Augmenting a Large Language Model with a Combination of Text and Visual Data for Conversational Visualization of Global Geospatial Data
Omar Mena, Alexandre Kouyoumdjian, Lonni Besançon, Michael Gleicher, Ivan Viola, Anders Ynnerman
TL;DR
This work tackles the problem of LLM blindness to visual data by introducing visioverbal augmentation, a method that pre-processes rendered visualizations and their textual descriptions into a compact JSON format to augment LLM prompts. The approach uses a two-stage pipeline: a one-time preprocessing per dataset to extract visual cues from frames and merge them with text, and a runtime loop that runs the conversation with a dual-LLM setup (information-delivery GPT-4o and command-issuing GPT-4). The proof-of-concept, demonstrated on Science On a Sphere geospatial visualizations within the TellUs framework, shows that structured augmentation substantially improves QA accuracy over baselines and achieves high user usability (SUS ~83.75). The work highlights limitations like time-dependent visual content and dynamic visualization capabilities, outlining concrete future directions to broaden the method’s applicability across platforms and datasets, while reducing reliance on extensive fine-tuning.
Abstract
We present a method for augmenting a Large Language Model (LLM) with a combination of text and visual data to enable accurate question answering in visualization of scientific data, making conversational visualization possible.
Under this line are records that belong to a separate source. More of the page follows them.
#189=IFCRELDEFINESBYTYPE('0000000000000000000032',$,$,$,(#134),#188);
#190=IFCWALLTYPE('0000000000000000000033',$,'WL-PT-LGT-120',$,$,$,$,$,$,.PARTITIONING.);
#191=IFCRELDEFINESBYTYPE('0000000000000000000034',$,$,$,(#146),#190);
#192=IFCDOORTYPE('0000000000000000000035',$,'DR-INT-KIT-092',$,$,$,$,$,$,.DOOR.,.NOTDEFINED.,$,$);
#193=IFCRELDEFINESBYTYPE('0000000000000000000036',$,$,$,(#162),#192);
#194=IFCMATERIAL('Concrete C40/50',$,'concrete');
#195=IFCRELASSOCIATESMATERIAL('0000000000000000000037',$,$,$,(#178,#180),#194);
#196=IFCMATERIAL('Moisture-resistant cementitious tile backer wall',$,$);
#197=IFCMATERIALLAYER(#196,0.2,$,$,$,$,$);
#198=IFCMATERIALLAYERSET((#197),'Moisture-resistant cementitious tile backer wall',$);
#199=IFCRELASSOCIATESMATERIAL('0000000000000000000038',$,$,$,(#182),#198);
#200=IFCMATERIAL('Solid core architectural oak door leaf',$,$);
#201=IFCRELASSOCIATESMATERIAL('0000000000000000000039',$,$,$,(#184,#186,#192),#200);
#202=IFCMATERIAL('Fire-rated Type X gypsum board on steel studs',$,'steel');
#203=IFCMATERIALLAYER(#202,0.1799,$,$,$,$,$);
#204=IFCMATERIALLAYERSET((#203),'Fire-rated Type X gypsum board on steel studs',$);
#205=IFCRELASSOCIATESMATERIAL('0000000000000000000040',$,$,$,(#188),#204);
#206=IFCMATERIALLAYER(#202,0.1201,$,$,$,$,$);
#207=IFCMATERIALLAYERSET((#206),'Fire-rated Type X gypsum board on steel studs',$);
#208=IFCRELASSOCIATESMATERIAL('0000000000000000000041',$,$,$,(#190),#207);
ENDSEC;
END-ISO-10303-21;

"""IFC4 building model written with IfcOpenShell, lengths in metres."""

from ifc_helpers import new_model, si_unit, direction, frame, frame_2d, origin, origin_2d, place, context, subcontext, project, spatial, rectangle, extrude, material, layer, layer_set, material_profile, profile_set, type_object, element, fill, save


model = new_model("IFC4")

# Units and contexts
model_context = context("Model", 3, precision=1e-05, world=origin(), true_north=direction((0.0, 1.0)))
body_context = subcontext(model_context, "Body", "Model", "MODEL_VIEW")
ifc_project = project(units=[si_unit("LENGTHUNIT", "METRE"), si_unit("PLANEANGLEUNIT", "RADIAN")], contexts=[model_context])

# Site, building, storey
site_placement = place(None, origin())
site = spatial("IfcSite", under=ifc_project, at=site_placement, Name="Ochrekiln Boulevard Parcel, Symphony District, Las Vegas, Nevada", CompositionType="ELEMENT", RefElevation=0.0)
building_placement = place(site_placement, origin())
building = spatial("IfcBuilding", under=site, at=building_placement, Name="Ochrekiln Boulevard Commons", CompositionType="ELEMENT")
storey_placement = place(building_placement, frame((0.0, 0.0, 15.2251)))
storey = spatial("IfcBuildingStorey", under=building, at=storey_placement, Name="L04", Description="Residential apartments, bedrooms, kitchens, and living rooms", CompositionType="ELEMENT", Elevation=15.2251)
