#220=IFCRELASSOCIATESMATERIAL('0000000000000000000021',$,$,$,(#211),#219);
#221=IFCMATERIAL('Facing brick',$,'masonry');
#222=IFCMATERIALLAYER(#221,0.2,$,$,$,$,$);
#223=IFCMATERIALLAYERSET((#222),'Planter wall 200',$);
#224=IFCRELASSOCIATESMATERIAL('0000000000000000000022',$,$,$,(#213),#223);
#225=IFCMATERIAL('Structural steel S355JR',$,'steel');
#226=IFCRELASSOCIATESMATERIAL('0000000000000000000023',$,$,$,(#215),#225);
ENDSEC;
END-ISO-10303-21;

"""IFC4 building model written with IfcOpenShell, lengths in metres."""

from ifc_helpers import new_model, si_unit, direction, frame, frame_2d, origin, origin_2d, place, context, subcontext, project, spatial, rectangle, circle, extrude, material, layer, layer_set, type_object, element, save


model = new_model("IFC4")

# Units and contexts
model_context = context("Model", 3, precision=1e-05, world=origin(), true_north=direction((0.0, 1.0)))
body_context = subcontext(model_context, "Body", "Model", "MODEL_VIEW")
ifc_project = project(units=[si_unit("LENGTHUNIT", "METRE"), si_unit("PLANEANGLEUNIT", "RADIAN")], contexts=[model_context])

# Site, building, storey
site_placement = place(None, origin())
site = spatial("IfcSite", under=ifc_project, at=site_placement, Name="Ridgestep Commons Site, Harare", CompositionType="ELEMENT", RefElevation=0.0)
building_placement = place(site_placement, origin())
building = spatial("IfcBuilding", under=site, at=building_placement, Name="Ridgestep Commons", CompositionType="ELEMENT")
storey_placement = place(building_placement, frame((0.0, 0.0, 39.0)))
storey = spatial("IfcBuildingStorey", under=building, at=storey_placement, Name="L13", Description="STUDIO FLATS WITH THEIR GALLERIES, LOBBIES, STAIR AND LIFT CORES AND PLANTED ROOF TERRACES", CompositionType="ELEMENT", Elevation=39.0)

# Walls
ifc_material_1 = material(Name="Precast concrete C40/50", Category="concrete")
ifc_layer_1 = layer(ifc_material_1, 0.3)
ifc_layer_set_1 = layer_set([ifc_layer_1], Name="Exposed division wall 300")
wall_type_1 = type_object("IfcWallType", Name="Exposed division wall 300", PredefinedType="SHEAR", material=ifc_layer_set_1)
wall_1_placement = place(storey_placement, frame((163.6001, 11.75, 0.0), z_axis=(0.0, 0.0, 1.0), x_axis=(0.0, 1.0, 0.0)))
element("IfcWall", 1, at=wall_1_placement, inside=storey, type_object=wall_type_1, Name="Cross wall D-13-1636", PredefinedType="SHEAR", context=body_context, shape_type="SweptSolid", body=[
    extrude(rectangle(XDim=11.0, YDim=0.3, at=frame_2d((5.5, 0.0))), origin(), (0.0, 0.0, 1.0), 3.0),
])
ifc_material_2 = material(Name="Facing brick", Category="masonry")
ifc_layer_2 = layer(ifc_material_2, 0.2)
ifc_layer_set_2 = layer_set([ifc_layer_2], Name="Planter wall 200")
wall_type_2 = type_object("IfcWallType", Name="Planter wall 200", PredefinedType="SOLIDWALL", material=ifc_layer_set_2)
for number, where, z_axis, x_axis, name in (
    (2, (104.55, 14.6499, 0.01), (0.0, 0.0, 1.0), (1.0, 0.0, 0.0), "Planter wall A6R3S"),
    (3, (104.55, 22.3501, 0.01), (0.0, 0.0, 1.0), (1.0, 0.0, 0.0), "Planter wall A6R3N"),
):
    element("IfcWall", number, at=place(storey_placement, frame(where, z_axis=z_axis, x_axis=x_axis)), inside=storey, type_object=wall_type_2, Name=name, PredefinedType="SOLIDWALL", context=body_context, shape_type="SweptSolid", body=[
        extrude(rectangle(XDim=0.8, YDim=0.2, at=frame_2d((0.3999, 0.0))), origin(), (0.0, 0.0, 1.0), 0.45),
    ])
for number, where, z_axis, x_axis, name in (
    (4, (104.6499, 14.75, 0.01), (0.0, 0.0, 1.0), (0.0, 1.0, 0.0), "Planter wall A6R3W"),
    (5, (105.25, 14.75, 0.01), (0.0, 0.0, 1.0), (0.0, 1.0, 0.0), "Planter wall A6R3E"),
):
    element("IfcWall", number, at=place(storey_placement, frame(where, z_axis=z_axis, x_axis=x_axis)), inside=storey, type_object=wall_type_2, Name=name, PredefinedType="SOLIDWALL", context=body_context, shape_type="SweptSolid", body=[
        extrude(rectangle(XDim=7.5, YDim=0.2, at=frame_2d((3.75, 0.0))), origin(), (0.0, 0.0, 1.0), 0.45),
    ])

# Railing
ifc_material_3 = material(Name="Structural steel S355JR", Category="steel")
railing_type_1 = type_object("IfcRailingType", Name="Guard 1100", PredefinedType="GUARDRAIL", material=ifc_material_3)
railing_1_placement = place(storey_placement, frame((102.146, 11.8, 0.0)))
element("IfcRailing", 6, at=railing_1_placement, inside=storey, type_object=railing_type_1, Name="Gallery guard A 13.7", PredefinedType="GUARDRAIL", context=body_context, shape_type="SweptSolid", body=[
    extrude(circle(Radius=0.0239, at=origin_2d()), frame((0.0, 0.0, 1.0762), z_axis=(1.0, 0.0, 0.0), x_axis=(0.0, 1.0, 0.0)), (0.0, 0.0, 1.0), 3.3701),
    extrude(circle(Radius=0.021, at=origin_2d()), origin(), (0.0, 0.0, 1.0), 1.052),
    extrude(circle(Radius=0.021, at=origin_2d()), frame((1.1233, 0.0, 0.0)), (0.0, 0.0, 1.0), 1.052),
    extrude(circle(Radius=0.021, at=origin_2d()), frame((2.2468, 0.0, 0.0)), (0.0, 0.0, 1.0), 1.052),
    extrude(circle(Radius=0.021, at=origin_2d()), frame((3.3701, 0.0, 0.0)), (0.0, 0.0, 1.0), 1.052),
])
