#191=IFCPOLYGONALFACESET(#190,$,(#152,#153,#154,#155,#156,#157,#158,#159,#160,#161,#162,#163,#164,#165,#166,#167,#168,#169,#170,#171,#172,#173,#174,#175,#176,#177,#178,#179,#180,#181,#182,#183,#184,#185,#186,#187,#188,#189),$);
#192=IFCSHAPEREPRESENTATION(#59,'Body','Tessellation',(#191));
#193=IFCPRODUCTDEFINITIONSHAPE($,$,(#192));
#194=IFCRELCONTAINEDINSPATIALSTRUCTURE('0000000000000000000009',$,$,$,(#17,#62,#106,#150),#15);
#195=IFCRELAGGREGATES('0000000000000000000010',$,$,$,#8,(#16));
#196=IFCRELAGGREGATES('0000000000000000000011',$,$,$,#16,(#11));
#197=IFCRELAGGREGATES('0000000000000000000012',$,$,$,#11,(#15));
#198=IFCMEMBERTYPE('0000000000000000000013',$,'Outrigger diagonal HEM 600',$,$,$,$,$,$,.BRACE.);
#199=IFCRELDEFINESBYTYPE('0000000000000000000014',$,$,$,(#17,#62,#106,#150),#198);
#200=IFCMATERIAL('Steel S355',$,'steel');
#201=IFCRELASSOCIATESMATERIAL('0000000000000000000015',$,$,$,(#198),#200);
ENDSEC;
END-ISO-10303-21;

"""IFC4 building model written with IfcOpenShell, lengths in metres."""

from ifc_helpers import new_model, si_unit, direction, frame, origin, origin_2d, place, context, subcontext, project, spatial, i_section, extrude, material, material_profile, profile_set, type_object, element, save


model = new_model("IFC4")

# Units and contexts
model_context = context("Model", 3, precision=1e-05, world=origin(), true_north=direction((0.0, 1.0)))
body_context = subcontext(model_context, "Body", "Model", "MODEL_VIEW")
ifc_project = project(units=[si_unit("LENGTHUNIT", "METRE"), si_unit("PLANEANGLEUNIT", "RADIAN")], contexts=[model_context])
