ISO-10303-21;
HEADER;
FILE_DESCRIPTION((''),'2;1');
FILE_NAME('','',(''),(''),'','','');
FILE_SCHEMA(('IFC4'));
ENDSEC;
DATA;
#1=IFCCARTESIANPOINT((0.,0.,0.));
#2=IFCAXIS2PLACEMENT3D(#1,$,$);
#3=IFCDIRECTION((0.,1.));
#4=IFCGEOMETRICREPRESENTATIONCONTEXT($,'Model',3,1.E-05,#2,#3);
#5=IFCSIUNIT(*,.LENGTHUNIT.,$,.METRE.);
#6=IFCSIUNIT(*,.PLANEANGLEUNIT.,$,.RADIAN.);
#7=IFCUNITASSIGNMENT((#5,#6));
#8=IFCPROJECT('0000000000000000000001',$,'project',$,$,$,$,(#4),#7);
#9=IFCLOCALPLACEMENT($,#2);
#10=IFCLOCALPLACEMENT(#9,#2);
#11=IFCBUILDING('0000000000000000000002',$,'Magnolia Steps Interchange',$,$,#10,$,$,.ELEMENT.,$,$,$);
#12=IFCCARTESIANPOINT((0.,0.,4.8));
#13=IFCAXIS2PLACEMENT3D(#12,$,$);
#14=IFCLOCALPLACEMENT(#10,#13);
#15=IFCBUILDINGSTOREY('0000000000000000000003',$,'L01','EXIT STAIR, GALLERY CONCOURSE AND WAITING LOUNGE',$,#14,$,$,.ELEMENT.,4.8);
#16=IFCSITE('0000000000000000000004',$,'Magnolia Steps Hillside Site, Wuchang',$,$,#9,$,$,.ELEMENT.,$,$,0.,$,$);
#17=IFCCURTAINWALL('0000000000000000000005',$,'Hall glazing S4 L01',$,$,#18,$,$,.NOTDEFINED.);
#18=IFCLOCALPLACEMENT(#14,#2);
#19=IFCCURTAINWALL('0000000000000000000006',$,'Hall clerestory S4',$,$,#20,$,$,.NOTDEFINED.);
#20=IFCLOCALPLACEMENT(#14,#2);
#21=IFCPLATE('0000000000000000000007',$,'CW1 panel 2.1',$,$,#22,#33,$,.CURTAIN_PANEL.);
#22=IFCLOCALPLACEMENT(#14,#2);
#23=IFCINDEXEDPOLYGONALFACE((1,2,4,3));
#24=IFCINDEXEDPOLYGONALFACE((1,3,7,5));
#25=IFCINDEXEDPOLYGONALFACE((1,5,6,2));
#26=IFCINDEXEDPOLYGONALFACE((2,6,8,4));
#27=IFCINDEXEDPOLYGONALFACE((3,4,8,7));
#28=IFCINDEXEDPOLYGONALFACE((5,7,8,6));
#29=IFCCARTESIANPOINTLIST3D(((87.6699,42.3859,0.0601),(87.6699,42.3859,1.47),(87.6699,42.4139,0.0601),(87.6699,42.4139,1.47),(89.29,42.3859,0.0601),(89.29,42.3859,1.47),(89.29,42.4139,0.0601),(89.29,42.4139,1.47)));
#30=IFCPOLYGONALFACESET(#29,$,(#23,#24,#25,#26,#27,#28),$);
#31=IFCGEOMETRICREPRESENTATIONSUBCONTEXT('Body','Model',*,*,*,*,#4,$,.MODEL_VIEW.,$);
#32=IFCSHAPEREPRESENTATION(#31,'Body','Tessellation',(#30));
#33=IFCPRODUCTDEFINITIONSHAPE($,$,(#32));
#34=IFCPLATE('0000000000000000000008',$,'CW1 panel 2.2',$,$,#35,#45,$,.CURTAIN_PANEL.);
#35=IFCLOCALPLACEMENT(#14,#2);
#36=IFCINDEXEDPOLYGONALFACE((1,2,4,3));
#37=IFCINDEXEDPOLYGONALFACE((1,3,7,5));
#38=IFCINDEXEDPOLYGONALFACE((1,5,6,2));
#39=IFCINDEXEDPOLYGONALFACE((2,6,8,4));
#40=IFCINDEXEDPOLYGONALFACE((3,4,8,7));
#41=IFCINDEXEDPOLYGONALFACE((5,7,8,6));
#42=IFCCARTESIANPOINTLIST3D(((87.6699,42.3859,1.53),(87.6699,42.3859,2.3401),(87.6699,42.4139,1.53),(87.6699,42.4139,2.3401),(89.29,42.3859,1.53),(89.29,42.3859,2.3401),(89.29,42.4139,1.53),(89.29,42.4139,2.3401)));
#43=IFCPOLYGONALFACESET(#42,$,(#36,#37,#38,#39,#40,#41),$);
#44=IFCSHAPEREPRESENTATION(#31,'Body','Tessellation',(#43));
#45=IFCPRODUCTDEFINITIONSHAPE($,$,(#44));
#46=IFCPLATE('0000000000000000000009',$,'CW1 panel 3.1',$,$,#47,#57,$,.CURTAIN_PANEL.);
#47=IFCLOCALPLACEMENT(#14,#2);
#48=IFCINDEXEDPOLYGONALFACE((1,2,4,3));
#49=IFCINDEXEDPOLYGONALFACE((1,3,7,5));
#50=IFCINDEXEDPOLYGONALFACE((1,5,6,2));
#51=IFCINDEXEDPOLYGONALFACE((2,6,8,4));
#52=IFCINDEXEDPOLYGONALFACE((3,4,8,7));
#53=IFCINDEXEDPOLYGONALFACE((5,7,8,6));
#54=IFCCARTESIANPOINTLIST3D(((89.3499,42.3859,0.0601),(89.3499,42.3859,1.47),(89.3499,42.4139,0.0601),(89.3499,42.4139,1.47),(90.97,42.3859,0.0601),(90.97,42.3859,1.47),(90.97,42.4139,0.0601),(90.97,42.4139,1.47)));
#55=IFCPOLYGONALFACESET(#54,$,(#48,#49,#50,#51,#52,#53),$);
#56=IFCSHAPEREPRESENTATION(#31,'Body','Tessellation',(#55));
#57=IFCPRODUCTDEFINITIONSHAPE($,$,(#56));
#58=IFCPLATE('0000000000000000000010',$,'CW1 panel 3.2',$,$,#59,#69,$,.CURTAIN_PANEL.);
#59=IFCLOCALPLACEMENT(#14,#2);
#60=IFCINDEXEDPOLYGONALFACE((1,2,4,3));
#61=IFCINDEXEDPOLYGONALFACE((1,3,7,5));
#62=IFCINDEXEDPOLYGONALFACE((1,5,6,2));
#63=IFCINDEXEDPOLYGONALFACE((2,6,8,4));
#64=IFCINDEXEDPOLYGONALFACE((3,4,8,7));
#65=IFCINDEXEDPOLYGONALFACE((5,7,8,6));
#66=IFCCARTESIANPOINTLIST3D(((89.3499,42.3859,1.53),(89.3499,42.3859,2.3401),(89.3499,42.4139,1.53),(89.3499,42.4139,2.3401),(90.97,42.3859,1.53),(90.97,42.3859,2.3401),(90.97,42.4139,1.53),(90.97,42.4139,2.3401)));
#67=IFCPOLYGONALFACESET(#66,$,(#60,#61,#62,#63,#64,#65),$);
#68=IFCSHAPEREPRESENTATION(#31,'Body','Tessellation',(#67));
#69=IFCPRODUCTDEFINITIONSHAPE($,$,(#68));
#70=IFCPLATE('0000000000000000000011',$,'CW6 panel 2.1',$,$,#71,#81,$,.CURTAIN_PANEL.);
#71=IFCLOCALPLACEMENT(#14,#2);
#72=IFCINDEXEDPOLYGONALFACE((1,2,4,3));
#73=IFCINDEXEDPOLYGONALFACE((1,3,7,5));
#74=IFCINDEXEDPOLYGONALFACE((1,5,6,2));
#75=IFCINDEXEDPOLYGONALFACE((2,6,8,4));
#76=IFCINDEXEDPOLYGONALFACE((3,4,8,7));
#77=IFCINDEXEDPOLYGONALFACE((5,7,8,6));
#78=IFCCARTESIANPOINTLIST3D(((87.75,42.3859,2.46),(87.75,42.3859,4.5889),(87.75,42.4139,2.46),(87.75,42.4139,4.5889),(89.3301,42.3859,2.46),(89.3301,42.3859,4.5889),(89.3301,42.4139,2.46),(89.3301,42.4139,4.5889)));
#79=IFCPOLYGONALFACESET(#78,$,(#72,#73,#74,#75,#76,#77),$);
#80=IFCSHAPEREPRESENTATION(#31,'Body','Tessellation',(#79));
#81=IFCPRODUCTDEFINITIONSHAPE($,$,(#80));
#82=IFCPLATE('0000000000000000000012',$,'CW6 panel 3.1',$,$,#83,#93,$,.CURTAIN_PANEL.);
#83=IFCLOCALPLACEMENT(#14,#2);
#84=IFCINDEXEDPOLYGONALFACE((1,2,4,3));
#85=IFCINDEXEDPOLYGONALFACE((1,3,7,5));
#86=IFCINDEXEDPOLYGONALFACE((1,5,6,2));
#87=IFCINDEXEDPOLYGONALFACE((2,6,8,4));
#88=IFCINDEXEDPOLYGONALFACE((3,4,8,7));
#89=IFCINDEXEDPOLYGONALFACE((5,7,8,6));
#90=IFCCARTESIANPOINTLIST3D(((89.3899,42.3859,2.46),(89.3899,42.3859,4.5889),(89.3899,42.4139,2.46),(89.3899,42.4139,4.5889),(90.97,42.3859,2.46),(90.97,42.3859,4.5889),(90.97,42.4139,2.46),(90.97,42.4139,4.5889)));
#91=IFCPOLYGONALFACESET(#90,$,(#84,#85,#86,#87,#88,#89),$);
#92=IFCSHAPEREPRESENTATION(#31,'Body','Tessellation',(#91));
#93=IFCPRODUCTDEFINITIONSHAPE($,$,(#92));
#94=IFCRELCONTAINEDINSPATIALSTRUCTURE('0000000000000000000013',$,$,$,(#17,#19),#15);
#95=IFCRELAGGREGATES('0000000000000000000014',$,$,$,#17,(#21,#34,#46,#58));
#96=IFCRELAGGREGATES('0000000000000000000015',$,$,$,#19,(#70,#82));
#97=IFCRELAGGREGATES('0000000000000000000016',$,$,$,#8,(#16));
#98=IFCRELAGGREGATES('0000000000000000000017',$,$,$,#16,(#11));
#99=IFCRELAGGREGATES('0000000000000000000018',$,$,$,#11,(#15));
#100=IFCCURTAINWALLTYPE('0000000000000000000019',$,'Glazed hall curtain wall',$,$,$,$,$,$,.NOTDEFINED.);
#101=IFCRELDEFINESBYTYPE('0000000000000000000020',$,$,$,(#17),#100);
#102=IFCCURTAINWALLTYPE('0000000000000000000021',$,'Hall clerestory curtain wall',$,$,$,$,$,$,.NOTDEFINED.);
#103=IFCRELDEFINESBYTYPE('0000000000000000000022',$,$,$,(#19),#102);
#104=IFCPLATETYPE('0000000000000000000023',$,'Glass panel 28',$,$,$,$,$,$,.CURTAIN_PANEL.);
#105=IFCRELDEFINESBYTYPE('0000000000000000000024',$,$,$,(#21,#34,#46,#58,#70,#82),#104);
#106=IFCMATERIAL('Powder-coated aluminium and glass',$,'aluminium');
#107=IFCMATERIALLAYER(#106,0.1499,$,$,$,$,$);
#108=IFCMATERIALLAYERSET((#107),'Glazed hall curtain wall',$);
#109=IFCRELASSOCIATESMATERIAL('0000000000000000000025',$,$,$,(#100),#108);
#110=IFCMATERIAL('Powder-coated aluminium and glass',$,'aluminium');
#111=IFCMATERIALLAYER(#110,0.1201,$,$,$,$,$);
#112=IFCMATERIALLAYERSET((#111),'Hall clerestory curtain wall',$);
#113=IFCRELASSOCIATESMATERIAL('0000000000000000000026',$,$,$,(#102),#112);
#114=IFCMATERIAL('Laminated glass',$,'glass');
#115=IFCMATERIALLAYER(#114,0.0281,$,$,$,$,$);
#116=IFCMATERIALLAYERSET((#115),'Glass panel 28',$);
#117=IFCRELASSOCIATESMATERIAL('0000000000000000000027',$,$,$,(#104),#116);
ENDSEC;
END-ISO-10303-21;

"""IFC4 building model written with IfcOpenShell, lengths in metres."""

from ifc_helpers import new_model, si_unit, direction, frame, origin, origin_2d, place, context, subcontext, project, spatial, rectangle, extrude, material, layer, layer_set, type_object, element, aggregate, save


model = new_model("IFC4")

# Units and contexts
model_context = context("Model", 3, precision=1e-05, world=origin(), true_north=direction((0.0, 1.0)))
body_context = subcontext(model_context, "Body", "Model", "MODEL_VIEW")
ifc_project = project(units=[si_unit("LENGTHUNIT", "METRE"), si_unit("PLANEANGLEUNIT", "RADIAN")], contexts=[model_context])

# Site, building, storey
site_placement = place(None, origin())
site = spatial("IfcSite", under=ifc_project, at=site_placement, Name="Magnolia Steps Hillside Site, Wuchang", CompositionType="ELEMENT", RefElevation=0.0)
building_placement = place(site_placement, origin())
building = spatial("IfcBuilding", under=site, at=building_placement, Name="Magnolia Steps Interchange", CompositionType="ELEMENT")
storey_placement = place(building_placement, frame((0.0, 0.0, 4.8)))
storey = spatial("IfcBuildingStorey", under=building, at=storey_placement, Name="L01", Description="EXIT STAIR, GALLERY CONCOURSE AND WAITING LOUNGE", CompositionType="ELEMENT", Elevation=4.8)

# Curtain walls
ifc_material_1 = material(Name="Powder-coated aluminium and glass", Category="aluminium")
ifc_layer_1 = layer(ifc_material_1, 0.1499)
ifc_layer_set_1 = layer_set([ifc_layer_1], Name="Glazed hall curtain wall")
curtain_wall_type_1 = type_object("IfcCurtainWallType", Name="Glazed hall curtain wall", PredefinedType="NOTDEFINED", material=ifc_layer_set_1)
curtain_wall_1_placement = place(storey_placement, origin())
curtain_wall_1 = element("IfcCurtainWall", 1, at=curtain_wall_1_placement, inside=storey, type_object=curtain_wall_type_1, Name="Hall glazing S4 L01", PredefinedType="NOTDEFINED")
ifc_material_2 = material(Name="Powder-coated aluminium and glass", Category="aluminium")
ifc_layer_2 = layer(ifc_material_2, 0.1201)
ifc_layer_set_2 = layer_set([ifc_layer_2], Name="Hall clerestory curtain wall")
curtain_wall_type_2 = type_object("IfcCurtainWallType", Name="Hall clerestory curtain wall", PredefinedType="NOTDEFINED", material=ifc_layer_set_2)
curtain_wall_2_placement = place(storey_placement, origin())
curtain_wall_2 = element("IfcCurtainWall", 2, at=curtain_wall_2_placement, inside=storey, type_object=curtain_wall_type_2, Name="Hall clerestory S4", PredefinedType="NOTDEFINED")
LLMs struggle with tasks like visual data interaction, as they lack contextual visual information. We address this problem by merging a text description of a visualization and dataset with snapshots of the visualization. We extract their essential features into a structured text file, highly compact, yet descriptive enough to appropriately augment the LLM with contextual information, without any fine-tuning. This approach can be applied to any visualization that is already finally rendered, as long as it is associated with some textual description.